Голова же Крашанка стоила явно больше, и вообще — убирать авторитетного вора (вор я, оказывается!) было связано с определенными проблемами и решением воровского совета — ну, во всяком случае, для представителей старой школы, к которым дядя Вова и относился.
Решающим фактором, искривившим траекторию первой пули и отменившим вылет следующих свинцовых подарков, был недостаточный размер гонорара. Что бы дядя Вова ни рассказывал о понятиях…
Я посвятил киллера в подробности недавней автомобильной аварии со свиновским внедорожником, в результате которой я якобы и повредил себе голову, а также обрисовал свои планы взыскать со Свина за базар — не вдаваясь в подробности полученных мной оскорблений. Что-то мне подсказывало, что если бы их действительно услышал Крашанок, то Свин, один раз шлепнувшись на газон, больше бы оттуда не поднялся.

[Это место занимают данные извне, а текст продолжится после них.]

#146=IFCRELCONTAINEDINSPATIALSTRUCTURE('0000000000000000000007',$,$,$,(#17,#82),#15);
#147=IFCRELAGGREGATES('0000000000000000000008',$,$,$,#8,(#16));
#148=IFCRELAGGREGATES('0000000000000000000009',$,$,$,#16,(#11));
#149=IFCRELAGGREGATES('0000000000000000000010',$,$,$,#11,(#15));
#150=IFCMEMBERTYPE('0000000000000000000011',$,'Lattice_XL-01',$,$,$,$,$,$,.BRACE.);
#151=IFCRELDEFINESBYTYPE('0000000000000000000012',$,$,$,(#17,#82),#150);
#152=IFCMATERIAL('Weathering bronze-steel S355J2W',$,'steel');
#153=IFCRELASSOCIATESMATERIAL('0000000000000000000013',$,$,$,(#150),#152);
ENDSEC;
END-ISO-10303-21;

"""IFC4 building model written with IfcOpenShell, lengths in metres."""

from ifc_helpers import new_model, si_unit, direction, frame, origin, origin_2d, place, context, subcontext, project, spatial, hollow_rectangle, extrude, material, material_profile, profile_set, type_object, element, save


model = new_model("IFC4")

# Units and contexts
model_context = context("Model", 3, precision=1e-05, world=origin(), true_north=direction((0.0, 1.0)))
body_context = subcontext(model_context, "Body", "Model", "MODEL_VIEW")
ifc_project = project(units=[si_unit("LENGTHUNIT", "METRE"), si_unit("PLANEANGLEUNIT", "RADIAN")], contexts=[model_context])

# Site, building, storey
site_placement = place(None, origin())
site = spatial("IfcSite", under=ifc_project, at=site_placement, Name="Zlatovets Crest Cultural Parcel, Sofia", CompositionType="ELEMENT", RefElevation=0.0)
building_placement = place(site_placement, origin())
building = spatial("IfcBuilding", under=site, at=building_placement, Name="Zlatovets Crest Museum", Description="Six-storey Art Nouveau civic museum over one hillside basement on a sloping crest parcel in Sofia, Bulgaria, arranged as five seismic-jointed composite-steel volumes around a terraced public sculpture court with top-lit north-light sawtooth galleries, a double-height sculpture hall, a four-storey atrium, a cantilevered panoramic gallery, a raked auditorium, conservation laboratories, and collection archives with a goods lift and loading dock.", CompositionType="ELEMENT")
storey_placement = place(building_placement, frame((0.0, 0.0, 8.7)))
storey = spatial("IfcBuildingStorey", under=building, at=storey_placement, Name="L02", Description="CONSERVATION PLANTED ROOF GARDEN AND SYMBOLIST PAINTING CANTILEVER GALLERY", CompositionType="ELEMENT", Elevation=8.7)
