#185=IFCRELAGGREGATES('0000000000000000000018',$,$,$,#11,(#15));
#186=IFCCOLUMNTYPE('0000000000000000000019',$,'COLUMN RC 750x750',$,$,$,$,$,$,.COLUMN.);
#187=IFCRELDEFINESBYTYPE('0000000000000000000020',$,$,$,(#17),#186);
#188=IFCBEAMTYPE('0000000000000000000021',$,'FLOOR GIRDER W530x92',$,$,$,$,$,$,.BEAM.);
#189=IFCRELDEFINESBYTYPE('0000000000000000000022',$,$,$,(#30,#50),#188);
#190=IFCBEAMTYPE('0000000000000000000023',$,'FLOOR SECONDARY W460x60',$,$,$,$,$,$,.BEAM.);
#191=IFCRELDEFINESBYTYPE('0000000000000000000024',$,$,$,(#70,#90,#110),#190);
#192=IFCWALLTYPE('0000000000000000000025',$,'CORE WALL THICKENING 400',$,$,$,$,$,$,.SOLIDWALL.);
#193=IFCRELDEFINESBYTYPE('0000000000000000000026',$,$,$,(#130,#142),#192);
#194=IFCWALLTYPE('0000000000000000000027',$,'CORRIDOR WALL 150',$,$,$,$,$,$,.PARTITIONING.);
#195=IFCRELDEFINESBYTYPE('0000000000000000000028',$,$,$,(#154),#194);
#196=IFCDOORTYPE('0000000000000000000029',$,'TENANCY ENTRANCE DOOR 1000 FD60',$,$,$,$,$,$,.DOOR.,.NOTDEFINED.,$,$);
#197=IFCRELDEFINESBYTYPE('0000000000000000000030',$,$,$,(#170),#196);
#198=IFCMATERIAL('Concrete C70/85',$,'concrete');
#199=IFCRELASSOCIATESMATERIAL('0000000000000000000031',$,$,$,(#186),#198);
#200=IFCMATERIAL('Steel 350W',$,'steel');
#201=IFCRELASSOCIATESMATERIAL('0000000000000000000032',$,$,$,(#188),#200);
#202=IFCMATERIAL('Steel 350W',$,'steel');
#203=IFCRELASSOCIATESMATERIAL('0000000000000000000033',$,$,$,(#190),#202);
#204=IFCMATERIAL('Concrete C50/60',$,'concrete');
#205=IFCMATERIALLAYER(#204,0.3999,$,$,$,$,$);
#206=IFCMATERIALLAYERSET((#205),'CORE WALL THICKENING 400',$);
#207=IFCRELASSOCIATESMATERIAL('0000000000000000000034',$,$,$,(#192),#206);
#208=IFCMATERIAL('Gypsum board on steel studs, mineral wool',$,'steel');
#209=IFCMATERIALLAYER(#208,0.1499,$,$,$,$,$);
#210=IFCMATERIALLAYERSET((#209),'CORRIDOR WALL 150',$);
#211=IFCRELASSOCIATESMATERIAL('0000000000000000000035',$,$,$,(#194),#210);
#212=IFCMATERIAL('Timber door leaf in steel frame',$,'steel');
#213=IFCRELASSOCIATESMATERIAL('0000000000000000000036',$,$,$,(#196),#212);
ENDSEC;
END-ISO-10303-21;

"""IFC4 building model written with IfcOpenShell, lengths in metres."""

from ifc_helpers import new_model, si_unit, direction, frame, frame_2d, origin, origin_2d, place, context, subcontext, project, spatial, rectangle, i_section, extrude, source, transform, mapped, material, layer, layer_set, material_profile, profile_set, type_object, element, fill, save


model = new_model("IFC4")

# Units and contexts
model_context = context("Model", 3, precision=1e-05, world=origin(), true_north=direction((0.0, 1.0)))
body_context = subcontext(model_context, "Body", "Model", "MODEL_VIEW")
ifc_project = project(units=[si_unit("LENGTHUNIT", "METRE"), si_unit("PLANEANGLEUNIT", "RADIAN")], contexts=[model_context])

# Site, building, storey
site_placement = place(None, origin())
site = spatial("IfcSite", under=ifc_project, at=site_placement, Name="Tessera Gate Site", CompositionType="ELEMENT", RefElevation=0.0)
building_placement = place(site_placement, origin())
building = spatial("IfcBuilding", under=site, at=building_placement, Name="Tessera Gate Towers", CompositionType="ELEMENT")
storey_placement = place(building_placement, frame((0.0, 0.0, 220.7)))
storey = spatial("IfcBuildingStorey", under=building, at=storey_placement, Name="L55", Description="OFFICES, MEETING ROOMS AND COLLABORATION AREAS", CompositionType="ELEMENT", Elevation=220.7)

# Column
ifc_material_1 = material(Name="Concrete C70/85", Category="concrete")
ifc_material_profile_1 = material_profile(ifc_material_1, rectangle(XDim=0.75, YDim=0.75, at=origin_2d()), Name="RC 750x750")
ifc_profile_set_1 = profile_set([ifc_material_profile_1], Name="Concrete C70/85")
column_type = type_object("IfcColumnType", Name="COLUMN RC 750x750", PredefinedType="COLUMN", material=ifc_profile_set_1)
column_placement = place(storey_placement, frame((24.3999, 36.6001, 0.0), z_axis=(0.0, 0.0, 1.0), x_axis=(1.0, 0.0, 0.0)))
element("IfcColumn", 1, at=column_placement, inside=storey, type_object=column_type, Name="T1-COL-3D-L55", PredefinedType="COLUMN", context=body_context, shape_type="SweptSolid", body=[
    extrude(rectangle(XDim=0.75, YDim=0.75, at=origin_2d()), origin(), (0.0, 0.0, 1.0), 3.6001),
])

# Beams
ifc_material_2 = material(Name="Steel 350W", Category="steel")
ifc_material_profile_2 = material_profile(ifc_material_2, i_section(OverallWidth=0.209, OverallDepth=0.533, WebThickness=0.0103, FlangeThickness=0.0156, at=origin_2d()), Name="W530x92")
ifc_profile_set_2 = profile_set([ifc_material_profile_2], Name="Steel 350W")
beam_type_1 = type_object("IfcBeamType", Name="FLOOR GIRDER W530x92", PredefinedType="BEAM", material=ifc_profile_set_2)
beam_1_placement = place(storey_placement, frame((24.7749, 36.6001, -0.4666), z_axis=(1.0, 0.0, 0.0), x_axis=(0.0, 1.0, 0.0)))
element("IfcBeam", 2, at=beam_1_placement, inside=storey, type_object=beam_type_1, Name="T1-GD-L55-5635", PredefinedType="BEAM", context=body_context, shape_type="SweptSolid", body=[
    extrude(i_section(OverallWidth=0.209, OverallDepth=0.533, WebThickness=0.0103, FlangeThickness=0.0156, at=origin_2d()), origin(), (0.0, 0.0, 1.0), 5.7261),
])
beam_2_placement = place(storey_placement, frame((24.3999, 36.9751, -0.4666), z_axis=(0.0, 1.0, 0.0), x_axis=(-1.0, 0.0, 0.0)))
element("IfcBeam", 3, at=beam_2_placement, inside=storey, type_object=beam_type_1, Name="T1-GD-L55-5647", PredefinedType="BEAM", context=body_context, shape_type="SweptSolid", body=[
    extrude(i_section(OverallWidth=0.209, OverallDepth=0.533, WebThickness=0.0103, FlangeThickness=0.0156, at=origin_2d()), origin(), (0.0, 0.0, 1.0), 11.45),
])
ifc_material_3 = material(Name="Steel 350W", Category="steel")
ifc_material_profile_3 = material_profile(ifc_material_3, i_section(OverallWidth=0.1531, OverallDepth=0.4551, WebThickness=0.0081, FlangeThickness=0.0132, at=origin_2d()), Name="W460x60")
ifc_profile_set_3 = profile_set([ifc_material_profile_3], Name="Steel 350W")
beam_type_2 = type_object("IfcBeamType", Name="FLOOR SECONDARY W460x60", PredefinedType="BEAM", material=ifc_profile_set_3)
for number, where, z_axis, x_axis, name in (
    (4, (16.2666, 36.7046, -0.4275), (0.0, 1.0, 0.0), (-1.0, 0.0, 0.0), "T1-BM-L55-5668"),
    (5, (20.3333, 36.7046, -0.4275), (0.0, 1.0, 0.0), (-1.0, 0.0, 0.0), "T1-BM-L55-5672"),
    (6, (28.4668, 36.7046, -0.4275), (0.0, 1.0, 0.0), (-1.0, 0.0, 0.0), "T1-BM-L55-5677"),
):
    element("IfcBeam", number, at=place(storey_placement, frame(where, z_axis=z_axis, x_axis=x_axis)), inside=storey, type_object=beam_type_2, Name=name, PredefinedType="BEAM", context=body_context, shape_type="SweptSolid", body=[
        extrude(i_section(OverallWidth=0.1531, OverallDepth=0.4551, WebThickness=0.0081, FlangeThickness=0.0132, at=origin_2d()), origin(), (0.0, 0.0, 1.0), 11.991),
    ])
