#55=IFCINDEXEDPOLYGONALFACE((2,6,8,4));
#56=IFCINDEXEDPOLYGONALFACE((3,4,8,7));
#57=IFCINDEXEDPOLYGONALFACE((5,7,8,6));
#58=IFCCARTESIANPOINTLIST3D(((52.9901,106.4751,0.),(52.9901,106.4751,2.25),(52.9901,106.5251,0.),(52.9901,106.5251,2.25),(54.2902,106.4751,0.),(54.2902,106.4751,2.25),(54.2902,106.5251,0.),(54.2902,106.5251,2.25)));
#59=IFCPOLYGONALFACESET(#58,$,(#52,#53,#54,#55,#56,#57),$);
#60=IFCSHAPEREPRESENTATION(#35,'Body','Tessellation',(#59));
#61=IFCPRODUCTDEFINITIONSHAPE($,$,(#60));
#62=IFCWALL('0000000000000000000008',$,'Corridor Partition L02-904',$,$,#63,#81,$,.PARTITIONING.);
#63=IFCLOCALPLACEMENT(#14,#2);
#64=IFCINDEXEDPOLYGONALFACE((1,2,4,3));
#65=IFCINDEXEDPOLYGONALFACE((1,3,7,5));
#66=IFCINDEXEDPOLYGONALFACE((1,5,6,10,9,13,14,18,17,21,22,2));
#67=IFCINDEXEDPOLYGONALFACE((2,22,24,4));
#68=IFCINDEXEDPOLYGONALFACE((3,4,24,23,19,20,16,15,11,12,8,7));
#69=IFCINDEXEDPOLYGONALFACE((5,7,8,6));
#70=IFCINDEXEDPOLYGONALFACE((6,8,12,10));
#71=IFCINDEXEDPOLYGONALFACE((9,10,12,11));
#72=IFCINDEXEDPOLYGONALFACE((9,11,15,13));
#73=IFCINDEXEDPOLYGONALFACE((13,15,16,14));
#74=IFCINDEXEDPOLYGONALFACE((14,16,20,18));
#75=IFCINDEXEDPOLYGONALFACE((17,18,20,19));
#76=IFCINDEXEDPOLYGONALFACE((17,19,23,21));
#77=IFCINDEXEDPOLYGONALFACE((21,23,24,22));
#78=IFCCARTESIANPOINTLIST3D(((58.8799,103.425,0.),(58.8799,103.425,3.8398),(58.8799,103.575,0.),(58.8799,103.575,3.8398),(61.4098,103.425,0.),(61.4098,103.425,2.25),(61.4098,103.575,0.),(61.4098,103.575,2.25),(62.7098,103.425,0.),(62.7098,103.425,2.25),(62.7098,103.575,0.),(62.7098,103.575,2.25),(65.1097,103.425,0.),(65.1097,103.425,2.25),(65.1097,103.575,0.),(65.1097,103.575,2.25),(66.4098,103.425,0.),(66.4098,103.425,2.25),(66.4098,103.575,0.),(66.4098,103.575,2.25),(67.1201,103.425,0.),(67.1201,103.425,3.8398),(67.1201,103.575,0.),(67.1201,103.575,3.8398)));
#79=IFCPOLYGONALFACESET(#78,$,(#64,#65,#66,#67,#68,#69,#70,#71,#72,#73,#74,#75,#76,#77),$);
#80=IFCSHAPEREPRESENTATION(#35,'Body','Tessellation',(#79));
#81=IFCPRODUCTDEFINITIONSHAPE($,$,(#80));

В ходе долгой беседы мы чифирнули — к счастью, в кухонном шкафу нашелся антикварный мелколистовой черный чай, который, видимо, принадлежал хозяевам квартиры, так как я такой никогда не пил. Дядя Вова взялся готовить чифирь[13] сам (вот я бы ему наготовил!), бухнув в пол-литровую кружку с надписью «Boss», почти доверху наполненную кипятком, всю пачку, и накрыл сверху минут на десять тарелкой. Потом отцедил густую жидкость перелил в кружку поменьше, сделал три глотка и, передавая кружку мне, причмокнул от удовольствия:
— Ядово[14]…
Я сделал также три внушительных глотка и передал кружку, словно косяк, обратно, многозначительно кивнув и сжав губы, боясь выплюнуть эту горячую терпко-горькую жидкость, которая к тому же нестерпимо противно воняла сгоревшим порохом.
Никак не удавалось вызвать новую синестезию. Сначала я пробовал зацепиться за тактильные ощущения, но кружку псевдослесарь постоянно подавал ручкой ко мне, а сам абсолютно спокойно держал горячий фаянс прямо за бока. За вкус его поймать тоже не удавалось — видимо, этот любимый им и абсолютно непривычный для меня напиток дарил нам разные вкусовые ощущения. А может быть, я просто сильно отвлекался на арго-переводы и не мог сконцентрироваться на желаемом?
К концу первой кружки мое сердце вернулось к уже выученной им пляске святого Витта и изобретательно придумывало новые па, больше походившие на акробатический рок-н-ролл.
Когда мы закончили, я сильно взмок. По́том были пропитаны даже носки. Руки начали обретать чувствительность и при этом предательски — нет, не вздрагивать — дергаться в судорогах. Не иначе, сердце и до них добралось и научило плохому.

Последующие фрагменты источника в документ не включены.